Angie’s List dealt with several lawsuits during the 2010s. In 2014, the company was accused of automatically renewing subscriber rates at a higher price without their consent. It settled the lawsuit for $2.8 million. In 2015, Angie’s List was charged with manipulating consumer reviews to encourage service providers to spend more money on advertising. Several former employees of Angie’s List filed lawsuits against the company in 2016. The employees alleged that Angie’s List willfully withheld overtime pay for the extra hours they worked.

Angie’s List peaked in 2015. The company soon found it difficult to compete with other websites that provided customer reviews for free, and it struggled to grow its subscriber base. To rectify this, Angie’s List added a new free subscription tier in 2016, but it did little to alleviate the situation.

In 2017, Angie’s List began talks with IAC, the media and e-commerce conglomerate and parent company of the rival consumer review website Home Advisor. Two years before this, IAC offered $512 million to acquire Angie’s List, but the company declined. This time Angie’s List accepted the offer. IAC merged Angie’s List and Home Advisor to create a new publicly traded company called ANGI HomeServices, Inc. IAC kept each company’s individual websites and names.

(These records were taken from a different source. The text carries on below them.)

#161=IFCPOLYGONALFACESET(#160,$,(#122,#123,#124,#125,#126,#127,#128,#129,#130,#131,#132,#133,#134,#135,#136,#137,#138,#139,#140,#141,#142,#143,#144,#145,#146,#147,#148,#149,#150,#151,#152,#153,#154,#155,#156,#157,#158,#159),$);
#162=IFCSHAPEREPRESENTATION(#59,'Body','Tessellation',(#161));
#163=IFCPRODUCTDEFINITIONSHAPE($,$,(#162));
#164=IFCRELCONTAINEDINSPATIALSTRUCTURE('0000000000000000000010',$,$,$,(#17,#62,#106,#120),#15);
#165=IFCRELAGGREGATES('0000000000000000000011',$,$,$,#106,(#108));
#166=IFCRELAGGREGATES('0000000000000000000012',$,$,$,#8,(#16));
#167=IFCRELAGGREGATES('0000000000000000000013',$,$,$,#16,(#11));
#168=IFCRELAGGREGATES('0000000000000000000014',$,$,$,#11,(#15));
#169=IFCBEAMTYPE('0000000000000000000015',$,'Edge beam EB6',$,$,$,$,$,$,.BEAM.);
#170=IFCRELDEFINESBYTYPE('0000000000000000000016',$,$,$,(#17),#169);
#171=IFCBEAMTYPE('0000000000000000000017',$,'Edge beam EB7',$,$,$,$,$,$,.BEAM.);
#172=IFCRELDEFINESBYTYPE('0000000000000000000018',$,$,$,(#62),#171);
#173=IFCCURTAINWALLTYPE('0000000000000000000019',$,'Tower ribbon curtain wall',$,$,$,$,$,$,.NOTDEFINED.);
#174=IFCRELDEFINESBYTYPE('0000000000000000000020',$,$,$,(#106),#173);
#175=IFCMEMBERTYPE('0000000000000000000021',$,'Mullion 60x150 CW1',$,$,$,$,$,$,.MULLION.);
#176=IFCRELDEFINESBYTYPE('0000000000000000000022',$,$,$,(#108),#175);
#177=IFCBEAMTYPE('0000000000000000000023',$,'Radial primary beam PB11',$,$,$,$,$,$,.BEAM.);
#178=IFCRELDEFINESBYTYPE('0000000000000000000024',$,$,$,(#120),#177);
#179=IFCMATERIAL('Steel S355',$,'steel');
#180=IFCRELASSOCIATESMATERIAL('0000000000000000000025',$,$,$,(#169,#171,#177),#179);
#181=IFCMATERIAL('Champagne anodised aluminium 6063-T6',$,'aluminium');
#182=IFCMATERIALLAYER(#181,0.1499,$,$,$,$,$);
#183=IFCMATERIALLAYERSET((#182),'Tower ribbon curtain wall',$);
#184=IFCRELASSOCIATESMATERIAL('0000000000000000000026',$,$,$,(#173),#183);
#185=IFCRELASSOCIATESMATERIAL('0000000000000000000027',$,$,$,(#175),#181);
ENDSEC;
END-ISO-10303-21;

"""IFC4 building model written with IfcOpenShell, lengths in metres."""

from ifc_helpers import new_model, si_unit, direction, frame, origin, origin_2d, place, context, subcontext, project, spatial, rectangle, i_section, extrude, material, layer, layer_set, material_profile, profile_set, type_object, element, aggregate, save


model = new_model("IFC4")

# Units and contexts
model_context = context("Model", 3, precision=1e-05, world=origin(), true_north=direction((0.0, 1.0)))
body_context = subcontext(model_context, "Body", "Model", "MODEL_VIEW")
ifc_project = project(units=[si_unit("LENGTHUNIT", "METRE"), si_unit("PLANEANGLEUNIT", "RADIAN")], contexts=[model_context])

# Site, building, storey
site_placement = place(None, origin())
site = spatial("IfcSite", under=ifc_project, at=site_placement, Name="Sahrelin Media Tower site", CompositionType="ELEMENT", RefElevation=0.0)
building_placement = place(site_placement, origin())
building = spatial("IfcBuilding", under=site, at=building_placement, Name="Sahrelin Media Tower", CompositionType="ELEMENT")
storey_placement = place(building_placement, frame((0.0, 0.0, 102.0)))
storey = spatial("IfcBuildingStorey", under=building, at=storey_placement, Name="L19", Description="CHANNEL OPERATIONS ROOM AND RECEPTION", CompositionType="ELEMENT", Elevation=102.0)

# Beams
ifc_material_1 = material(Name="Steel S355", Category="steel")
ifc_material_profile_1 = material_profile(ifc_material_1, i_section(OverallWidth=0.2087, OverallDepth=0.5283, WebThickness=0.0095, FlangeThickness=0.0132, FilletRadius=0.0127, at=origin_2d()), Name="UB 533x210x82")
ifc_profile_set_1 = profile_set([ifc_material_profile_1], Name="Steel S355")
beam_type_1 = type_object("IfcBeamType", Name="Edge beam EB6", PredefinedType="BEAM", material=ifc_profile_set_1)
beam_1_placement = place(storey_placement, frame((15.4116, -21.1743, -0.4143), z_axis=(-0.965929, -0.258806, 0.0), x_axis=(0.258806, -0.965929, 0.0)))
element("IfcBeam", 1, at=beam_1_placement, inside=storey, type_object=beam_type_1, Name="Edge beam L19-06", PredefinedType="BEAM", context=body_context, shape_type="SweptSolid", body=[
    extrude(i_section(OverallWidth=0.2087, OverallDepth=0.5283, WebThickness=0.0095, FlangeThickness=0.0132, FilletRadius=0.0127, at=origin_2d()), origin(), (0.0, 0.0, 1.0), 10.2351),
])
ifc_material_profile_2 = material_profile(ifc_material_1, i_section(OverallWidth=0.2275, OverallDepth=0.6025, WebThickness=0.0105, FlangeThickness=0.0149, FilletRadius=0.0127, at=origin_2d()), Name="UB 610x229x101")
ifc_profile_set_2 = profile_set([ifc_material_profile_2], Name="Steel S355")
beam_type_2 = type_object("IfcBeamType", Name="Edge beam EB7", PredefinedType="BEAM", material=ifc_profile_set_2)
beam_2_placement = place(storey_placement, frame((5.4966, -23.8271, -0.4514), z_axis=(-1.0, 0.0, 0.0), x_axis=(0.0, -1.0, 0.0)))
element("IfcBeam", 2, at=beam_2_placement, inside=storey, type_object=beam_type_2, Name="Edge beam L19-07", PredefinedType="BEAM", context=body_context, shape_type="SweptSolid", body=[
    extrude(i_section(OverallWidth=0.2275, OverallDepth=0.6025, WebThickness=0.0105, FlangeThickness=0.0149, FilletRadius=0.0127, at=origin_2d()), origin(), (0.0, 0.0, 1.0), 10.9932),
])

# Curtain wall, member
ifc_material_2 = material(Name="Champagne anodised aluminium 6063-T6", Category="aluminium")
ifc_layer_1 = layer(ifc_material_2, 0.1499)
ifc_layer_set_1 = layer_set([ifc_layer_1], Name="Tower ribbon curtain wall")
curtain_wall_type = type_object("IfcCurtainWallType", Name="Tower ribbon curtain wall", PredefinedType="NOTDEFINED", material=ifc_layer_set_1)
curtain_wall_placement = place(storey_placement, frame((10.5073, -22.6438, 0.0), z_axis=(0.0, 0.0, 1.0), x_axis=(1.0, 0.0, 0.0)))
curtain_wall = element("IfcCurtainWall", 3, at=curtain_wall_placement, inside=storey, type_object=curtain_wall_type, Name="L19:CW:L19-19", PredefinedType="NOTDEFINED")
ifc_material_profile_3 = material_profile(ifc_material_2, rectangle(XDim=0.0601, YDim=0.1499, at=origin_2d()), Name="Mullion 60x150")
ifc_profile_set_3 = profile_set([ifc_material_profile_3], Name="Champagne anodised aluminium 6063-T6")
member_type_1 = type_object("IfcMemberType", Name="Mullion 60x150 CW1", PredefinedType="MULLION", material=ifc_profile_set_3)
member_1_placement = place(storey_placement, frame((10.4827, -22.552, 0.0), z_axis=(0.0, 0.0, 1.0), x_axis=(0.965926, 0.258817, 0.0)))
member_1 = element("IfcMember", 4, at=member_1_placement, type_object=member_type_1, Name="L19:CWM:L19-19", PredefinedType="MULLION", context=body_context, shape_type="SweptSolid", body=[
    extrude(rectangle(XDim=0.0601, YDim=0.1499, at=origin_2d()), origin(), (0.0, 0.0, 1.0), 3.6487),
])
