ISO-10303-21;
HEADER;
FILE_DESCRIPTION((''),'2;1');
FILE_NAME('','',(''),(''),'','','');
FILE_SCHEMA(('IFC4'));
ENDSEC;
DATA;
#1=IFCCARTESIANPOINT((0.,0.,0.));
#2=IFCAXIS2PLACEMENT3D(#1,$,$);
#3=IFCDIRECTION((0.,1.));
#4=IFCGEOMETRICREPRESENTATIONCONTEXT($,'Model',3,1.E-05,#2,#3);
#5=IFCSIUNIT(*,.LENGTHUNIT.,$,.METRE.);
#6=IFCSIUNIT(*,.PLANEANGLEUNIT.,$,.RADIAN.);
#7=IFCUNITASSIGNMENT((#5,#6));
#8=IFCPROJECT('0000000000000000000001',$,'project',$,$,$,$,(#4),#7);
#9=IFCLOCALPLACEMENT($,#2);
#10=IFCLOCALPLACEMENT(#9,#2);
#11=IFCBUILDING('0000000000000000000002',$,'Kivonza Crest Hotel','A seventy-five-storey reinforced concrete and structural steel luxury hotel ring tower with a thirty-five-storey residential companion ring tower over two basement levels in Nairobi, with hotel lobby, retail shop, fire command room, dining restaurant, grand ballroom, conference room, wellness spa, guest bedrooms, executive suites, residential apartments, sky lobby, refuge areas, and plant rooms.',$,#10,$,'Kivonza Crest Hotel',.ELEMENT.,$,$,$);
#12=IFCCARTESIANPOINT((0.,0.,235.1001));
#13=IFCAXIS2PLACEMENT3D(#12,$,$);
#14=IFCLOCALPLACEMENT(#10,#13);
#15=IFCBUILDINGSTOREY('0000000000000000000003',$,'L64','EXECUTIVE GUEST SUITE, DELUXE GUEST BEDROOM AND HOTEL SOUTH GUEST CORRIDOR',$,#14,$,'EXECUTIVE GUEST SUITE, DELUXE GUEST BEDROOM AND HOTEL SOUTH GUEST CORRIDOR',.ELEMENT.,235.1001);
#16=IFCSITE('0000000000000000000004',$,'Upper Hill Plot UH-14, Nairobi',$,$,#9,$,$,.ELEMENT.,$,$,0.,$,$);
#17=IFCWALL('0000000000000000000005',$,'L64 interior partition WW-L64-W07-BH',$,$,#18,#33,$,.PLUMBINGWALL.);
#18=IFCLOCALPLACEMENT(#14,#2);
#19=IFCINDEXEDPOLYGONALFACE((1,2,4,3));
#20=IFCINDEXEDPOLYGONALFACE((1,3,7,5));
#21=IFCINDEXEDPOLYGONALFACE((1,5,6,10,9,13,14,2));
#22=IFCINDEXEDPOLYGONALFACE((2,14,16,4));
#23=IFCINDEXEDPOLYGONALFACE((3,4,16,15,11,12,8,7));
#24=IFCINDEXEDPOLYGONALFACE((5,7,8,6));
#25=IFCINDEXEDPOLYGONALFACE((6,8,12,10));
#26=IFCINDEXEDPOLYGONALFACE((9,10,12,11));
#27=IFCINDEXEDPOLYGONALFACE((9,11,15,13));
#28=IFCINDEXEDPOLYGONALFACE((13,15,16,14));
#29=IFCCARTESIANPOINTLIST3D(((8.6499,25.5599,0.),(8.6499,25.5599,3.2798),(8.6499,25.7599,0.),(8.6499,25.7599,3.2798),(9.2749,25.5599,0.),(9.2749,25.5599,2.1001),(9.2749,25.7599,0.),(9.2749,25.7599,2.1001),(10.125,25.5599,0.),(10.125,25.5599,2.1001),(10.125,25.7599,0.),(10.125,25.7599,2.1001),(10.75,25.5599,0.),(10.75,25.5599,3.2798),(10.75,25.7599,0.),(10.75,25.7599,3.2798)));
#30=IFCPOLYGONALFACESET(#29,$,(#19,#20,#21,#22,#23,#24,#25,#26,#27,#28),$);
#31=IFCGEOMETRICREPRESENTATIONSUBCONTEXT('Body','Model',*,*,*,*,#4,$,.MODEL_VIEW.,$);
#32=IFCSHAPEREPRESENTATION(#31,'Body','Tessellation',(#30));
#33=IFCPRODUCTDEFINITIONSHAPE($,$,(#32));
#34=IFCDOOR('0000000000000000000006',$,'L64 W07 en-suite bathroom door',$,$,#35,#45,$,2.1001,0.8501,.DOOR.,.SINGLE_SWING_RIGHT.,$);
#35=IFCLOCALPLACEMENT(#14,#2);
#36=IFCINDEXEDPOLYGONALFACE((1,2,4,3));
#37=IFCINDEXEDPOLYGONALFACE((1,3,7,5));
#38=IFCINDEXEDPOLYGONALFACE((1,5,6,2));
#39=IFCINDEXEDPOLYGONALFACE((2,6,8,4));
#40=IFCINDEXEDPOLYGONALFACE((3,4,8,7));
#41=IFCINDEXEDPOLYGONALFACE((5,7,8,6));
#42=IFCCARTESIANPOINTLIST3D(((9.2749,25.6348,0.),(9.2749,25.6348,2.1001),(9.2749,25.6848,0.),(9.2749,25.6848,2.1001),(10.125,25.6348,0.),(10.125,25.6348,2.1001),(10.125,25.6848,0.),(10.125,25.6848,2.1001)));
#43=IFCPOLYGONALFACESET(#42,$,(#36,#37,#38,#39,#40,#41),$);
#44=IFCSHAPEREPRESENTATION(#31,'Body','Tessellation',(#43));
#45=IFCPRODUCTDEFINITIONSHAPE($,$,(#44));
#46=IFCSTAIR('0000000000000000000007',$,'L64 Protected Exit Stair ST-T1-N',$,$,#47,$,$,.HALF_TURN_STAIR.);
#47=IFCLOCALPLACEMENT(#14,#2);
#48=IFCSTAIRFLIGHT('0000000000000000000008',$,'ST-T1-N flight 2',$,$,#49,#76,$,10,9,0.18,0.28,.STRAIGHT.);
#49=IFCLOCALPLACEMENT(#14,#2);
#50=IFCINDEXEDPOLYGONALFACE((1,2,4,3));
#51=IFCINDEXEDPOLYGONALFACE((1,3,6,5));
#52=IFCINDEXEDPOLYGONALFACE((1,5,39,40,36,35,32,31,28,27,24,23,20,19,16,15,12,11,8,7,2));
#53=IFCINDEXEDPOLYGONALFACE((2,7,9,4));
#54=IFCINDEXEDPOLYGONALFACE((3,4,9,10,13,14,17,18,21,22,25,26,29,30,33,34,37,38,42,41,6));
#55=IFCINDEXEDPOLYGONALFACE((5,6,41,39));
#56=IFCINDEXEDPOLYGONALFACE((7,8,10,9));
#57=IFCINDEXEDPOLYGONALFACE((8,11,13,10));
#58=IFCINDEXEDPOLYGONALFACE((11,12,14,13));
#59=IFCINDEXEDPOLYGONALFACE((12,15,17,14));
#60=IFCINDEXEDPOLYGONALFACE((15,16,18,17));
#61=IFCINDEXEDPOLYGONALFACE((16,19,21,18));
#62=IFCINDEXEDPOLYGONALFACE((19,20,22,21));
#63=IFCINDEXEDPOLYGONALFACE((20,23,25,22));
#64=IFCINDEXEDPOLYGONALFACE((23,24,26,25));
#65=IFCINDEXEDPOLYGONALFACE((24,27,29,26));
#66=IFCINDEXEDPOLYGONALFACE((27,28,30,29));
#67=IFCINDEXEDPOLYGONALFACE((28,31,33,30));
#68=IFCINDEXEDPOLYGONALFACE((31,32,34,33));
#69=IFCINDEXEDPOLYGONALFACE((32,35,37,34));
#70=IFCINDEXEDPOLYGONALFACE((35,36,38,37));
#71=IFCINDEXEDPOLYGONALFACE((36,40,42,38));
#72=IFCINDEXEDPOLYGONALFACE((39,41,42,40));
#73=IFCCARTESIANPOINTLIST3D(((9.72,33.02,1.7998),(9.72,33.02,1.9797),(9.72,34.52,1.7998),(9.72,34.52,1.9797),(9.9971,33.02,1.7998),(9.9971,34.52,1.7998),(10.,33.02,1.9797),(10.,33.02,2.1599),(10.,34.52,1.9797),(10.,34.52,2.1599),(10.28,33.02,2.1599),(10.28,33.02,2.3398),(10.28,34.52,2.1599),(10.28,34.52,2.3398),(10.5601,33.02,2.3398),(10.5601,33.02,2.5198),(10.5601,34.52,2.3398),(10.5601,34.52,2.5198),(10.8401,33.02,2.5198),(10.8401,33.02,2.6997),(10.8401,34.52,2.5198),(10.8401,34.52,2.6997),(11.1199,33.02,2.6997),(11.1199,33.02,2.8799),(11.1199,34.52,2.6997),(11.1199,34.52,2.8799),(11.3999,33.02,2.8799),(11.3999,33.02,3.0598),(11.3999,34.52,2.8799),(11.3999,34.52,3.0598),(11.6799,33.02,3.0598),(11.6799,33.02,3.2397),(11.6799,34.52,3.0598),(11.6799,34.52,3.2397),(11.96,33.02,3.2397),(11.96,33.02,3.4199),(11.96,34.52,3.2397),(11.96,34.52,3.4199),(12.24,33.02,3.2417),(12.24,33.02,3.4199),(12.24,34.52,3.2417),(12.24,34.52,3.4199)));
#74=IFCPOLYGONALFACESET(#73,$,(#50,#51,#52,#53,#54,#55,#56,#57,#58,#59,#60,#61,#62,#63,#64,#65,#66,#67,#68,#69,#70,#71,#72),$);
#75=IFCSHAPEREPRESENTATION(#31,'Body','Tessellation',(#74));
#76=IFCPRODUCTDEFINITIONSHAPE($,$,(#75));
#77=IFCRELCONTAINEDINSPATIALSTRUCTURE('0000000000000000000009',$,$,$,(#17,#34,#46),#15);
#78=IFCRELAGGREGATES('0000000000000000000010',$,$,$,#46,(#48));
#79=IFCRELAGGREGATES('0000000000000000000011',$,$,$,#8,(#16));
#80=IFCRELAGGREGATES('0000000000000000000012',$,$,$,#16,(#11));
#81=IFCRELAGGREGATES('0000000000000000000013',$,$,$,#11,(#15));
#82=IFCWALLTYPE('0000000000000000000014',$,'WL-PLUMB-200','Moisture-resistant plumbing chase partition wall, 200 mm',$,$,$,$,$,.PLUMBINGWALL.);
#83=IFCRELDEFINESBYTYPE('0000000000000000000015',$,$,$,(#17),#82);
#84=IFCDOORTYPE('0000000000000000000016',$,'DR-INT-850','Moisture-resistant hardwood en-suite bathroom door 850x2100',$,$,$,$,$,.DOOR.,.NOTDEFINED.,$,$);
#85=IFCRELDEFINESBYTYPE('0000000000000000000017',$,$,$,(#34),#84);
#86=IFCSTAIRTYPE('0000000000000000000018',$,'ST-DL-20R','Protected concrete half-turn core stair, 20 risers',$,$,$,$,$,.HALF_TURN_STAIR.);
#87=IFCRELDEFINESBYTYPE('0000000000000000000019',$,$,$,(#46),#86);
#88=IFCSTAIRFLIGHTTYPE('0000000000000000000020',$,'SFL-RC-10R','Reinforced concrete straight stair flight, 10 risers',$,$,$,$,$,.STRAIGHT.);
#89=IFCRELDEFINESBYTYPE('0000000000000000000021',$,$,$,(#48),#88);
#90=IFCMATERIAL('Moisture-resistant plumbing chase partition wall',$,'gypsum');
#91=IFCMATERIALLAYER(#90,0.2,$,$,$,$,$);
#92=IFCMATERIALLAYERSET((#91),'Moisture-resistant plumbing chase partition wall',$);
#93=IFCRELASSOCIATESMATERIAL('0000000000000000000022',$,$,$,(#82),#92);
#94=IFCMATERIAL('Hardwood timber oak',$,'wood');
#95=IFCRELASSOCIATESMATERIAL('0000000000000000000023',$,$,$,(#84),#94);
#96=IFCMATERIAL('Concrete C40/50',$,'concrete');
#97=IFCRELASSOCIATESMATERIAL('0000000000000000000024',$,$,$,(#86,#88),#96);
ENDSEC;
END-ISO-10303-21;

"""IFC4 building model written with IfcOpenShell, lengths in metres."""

from ifc_helpers import new_model, si_unit, direction, frame, frame_2d, origin, place, context, subcontext, project, spatial, polyline, rectangle, outline, extrude, material, layer, layer_set, type_object, element, fill, aggregate, save


model = new_model("IFC4")

# Units and contexts
model_context = context("Model", 3, precision=1e-05, world=origin(), true_north=direction((0.0, 1.0)))
body_context = subcontext(model_context, "Body", "Model", "MODEL_VIEW")
ifc_project = project(units=[si_unit("LENGTHUNIT", "METRE"), si_unit("PLANEANGLEUNIT", "RADIAN")], contexts=[model_context])

# Site, building, storey
site_placement = place(None, origin())
site = spatial("IfcSite", under=ifc_project, at=site_placement, Name="Upper Hill Plot UH-14, Nairobi", CompositionType="ELEMENT", RefElevation=0.0)
building_placement = place(site_placement, origin())
building = spatial("IfcBuilding", under=site, at=building_placement, Name="Kivonza Crest Hotel", Description="A seventy-five-storey reinforced concrete and structural steel luxury hotel ring tower with a thirty-five-storey residential companion ring tower over two basement levels in Nairobi, with hotel lobby, retail shop, fire command room, dining restaurant, grand ballroom, conference room, wellness spa, guest bedrooms, executive suites, residential apartments, sky lobby, refuge areas, and plant rooms.", LongName="Kivonza Crest Hotel", CompositionType="ELEMENT")
storey_placement = place(building_placement, frame((0.0, 0.0, 235.1001)))
storey = spatial("IfcBuildingStorey", under=building, at=storey_placement, Name="L64", Description="EXECUTIVE GUEST SUITE, DELUXE GUEST BEDROOM AND HOTEL SOUTH GUEST CORRIDOR", LongName="EXECUTIVE GUEST SUITE, DELUXE GUEST BEDROOM AND HOTEL SOUTH GUEST CORRIDOR", CompositionType="ELEMENT", Elevation=235.1001)

# Shared definitions
ifc_material_1 = material(Name="Hardwood timber oak", Category="wood")

# Wall, opening, door
ifc_material_2 = material(Name="Moisture-resistant plumbing chase partition wall", Category="gypsum")
ifc_layer_1 = layer(ifc_material_2, 0.2)
ifc_layer_set_1 = layer_set([ifc_layer_1], Name="Moisture-resistant plumbing chase partition wall")
wall_type_1 = type_object("IfcWallType", Name="WL-PLUMB-200", Description="Moisture-resistant plumbing chase partition wall, 200 mm", PredefinedType="PLUMBINGWALL", material=ifc_layer_set_1)
wall_1_placement = place(storey_placement, frame((8.6499, 25.6599, 0.0), z_axis=(0.0, 0.0, 1.0), x_axis=(1.0, 0.0, 0.0)))
wall_1 = element("IfcWall", 1, at=wall_1_placement, inside=storey, type_object=wall_type_1, Name="L64 interior partition WW-L64-W07-BH", PredefinedType="PLUMBINGWALL", context=body_context, shape_type="SweptSolid", body=[
    extrude(rectangle(XDim=2.1001, YDim=0.2, at=frame_2d((1.05, 0.0))), origin(), (0.0, 0.0, 1.0), 3.2798),
])
opening_1_placement = place(wall_1_placement, frame((0.625, 0.0, 0.0)))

Following the merger, IAC moved the company headquarters to Colorado, resulting in the loss of hundreds of jobs in Indianapolis. In addition, Angie’s List left its 17.5-acre eastside campus and relocated to smaller offices at 130 E. Washington St. ANGI HomeServices, Inc. sold the property in February 2018 to an investment group headed by William Oesterle.

Under its new parentage, Angie’s List began to grow once again. By 2020, the company had over 6 million subscribers across the nation and boasted over 60,000 new reviews submitted each month.

Angie’s List retired its name on March 17, 2021, remarketing itself as simply Angi. The company’s owner, ANGI Homeservices changed its name to Angi Inc. The rebranding highlights that the company owns other housing-related services, notably HomeAdvisor and gig employer Handy. The company has evolved from a place where consumers review housing-related service providers to a platform that offers an easy way to find, book, and pay contractors.